Cinsel yönelim ve kimlik

Kinsey ölçeği

Heteroseksüel-Eşcinsel derecelendirme ölçeği olarak bilinen Kinsey ölçeği,[39] kişinin belirlenmiş bir zamandaki cinsel aktivesinin geçmişini ya da bölümlerini tanımlamaya çalışır.
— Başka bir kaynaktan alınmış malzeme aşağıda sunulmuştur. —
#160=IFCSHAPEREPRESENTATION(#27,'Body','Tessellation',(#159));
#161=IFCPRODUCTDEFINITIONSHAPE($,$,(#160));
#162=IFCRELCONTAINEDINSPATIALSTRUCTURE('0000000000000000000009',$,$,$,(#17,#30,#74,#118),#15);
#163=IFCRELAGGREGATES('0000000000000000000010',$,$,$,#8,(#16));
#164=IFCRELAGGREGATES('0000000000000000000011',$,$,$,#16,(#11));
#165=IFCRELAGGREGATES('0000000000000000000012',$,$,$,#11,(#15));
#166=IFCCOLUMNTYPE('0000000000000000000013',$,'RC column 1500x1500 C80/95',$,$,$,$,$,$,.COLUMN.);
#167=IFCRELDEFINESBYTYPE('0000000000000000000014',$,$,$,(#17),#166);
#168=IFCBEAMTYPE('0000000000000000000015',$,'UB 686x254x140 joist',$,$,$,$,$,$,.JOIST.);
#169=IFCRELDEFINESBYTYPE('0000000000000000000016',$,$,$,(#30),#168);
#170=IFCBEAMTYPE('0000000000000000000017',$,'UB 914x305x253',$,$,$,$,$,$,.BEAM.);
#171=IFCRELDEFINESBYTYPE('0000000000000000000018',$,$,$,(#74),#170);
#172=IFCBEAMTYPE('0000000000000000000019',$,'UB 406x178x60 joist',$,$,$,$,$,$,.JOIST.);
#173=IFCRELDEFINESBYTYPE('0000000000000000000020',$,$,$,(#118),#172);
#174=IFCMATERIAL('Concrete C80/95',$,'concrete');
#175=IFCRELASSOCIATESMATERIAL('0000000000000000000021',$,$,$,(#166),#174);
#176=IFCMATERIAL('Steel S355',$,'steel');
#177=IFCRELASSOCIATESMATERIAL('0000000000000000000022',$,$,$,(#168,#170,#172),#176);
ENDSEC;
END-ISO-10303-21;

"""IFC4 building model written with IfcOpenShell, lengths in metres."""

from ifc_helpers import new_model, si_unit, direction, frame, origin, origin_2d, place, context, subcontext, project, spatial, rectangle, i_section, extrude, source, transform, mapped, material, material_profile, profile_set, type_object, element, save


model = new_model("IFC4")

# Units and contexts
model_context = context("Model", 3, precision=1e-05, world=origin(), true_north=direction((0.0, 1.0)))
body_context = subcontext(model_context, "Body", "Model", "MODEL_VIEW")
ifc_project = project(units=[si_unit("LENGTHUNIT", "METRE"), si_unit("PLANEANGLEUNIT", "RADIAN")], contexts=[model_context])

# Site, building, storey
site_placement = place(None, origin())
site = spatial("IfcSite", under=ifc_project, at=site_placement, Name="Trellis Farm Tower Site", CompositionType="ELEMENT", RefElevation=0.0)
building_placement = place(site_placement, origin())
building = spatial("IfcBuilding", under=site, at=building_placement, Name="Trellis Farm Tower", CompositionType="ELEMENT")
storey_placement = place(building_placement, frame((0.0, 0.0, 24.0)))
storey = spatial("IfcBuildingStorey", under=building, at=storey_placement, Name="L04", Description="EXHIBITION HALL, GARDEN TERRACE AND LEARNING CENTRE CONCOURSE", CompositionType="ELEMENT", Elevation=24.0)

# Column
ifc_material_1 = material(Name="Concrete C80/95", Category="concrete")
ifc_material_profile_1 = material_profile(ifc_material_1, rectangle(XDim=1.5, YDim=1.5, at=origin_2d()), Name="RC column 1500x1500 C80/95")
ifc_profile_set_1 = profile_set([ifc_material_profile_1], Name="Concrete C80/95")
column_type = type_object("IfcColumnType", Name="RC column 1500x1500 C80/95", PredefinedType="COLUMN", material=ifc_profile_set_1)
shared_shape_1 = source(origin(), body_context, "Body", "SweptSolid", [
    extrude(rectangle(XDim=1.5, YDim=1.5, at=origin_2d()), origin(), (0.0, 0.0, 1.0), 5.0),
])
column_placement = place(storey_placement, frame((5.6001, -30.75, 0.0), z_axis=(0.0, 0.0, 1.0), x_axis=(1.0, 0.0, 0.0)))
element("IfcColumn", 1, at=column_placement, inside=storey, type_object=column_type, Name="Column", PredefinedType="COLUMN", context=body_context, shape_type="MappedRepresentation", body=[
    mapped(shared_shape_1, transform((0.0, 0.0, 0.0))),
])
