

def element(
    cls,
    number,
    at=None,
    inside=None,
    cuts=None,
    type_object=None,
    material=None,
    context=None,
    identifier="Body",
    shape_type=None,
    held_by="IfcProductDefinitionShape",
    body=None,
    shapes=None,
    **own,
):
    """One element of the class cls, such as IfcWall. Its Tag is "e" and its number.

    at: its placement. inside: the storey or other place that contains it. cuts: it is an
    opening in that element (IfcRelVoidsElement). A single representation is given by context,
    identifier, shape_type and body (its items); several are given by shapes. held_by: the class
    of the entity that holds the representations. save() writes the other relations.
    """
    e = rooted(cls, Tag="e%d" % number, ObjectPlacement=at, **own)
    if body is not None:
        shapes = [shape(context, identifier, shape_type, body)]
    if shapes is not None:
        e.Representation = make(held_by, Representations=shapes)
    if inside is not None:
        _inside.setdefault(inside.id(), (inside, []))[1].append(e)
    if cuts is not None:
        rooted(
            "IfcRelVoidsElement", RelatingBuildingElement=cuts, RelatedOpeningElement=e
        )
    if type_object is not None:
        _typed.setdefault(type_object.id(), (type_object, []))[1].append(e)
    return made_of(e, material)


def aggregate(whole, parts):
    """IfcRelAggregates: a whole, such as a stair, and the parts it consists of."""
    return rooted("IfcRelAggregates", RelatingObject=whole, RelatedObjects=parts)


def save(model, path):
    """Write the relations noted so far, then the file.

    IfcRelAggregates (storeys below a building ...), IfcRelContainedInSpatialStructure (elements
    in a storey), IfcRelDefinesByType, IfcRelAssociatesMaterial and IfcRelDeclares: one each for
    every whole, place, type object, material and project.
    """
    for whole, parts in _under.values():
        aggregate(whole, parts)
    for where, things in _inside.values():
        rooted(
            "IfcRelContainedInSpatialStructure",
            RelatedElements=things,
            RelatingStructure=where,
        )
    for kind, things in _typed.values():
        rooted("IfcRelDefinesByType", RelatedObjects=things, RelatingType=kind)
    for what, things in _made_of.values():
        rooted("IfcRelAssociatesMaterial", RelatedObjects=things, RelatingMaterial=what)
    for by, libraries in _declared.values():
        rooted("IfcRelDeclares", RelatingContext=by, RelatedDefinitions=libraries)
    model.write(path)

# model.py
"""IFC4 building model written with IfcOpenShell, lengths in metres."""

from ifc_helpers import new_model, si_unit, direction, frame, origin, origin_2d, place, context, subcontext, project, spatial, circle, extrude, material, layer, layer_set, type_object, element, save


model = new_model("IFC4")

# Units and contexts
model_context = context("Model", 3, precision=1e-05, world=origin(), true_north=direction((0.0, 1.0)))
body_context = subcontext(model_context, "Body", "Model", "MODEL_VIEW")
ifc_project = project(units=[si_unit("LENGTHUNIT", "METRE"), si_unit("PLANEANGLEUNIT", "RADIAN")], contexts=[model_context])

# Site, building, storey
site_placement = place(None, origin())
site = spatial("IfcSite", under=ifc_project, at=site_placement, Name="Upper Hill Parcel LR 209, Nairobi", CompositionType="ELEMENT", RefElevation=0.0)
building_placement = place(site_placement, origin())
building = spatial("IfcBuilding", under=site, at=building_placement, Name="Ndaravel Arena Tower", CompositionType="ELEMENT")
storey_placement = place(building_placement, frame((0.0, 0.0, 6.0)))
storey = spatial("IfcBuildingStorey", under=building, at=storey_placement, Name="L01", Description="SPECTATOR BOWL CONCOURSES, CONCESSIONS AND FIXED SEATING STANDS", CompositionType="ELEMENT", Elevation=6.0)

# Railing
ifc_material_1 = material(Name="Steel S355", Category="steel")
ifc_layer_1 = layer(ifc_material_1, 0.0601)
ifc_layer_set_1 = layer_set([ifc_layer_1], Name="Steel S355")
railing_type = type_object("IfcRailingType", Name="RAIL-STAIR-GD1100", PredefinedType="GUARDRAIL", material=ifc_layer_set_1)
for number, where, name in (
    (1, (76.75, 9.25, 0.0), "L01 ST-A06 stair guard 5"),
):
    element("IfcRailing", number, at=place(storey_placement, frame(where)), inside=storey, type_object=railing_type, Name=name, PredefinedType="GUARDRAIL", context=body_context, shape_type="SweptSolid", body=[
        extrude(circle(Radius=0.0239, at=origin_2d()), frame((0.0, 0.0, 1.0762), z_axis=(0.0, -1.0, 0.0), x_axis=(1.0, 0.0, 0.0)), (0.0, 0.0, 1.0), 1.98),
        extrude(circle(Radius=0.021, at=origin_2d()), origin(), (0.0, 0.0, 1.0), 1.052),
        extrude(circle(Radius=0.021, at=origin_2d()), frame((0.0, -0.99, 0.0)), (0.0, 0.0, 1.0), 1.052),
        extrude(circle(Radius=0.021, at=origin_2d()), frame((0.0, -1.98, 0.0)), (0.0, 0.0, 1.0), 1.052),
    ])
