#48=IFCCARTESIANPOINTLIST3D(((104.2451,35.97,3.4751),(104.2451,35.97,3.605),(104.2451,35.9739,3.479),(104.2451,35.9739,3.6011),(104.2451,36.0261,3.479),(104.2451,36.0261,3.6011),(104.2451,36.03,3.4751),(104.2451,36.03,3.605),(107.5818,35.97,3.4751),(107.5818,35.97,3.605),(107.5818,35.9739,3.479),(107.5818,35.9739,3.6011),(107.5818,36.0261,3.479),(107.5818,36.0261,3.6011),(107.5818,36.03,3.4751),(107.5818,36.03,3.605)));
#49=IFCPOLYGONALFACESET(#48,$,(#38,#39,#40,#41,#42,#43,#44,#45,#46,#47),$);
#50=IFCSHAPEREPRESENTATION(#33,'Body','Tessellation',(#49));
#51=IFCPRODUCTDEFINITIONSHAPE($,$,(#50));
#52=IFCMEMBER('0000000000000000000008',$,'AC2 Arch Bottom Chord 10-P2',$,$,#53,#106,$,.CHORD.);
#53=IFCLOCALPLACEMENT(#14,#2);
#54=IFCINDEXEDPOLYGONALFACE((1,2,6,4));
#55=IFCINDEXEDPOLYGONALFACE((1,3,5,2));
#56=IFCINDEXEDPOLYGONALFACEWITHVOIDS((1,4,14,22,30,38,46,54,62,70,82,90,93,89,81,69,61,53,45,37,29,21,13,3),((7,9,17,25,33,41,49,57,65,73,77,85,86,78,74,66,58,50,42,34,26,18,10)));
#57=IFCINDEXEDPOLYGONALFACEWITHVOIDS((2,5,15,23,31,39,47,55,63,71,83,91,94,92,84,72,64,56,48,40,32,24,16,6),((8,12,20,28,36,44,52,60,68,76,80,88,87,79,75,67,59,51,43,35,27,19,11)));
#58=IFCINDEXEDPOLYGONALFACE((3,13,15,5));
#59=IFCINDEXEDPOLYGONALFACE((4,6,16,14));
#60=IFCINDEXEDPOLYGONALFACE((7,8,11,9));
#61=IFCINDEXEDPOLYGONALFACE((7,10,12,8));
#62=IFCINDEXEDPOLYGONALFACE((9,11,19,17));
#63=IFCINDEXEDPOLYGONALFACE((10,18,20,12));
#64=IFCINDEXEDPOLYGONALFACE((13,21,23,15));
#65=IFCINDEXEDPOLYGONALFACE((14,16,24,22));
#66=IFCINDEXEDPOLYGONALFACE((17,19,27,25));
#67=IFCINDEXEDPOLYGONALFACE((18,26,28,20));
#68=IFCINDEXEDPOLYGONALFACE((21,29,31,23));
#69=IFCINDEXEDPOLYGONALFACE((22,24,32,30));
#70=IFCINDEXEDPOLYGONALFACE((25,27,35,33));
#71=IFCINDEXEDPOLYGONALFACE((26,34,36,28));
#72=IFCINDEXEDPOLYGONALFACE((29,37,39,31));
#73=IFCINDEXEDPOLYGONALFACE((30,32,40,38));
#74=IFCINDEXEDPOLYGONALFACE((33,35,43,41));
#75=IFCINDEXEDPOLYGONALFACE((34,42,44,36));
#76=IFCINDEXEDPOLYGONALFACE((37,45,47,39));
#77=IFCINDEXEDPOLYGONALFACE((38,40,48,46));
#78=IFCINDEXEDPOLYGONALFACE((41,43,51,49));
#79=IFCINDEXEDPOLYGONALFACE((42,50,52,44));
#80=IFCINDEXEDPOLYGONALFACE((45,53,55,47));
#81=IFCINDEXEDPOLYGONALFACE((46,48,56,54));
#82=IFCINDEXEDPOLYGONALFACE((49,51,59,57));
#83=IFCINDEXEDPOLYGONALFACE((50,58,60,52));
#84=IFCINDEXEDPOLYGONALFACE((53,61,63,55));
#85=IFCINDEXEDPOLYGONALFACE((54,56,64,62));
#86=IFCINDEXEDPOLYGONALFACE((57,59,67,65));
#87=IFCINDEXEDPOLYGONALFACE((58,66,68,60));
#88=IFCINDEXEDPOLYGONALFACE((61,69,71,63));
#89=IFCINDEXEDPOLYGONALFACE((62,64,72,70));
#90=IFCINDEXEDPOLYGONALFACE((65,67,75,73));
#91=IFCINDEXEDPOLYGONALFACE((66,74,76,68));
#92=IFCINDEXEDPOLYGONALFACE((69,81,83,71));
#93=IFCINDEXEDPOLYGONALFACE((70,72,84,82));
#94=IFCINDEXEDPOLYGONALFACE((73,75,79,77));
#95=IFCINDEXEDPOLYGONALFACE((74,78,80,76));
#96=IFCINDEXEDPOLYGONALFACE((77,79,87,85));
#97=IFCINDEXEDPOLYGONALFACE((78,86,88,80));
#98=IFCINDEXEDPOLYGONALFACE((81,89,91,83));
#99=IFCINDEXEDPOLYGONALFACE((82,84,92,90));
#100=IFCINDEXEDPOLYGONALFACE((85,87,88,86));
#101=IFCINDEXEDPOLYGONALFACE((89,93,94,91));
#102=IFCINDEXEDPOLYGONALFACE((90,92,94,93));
Derecelendirme 0’dan 6’ya kadardır. 0 tümüyle heteroseksüel anlamına gelirken, 6 tümüyle eşcinsel anlamına gelmektedir. Ölçekte aseksüelleri de tanımlamak için ek olarak bir de “X” vardır.[40][41] 
Yönelim ve davranış

Amerikan Psikiyatri Kurumu, Amerikan Psikologlar Birliği ve Sosyal İşçilerin Ulusal Kurumu cinsel yönelimi kişinin sadece ayrık bir özelliği olarak değil, başkalarıyla tatmin edici birliktelik kurmaya çalışan kişinin evreni olarak tanımlamıştır:[2]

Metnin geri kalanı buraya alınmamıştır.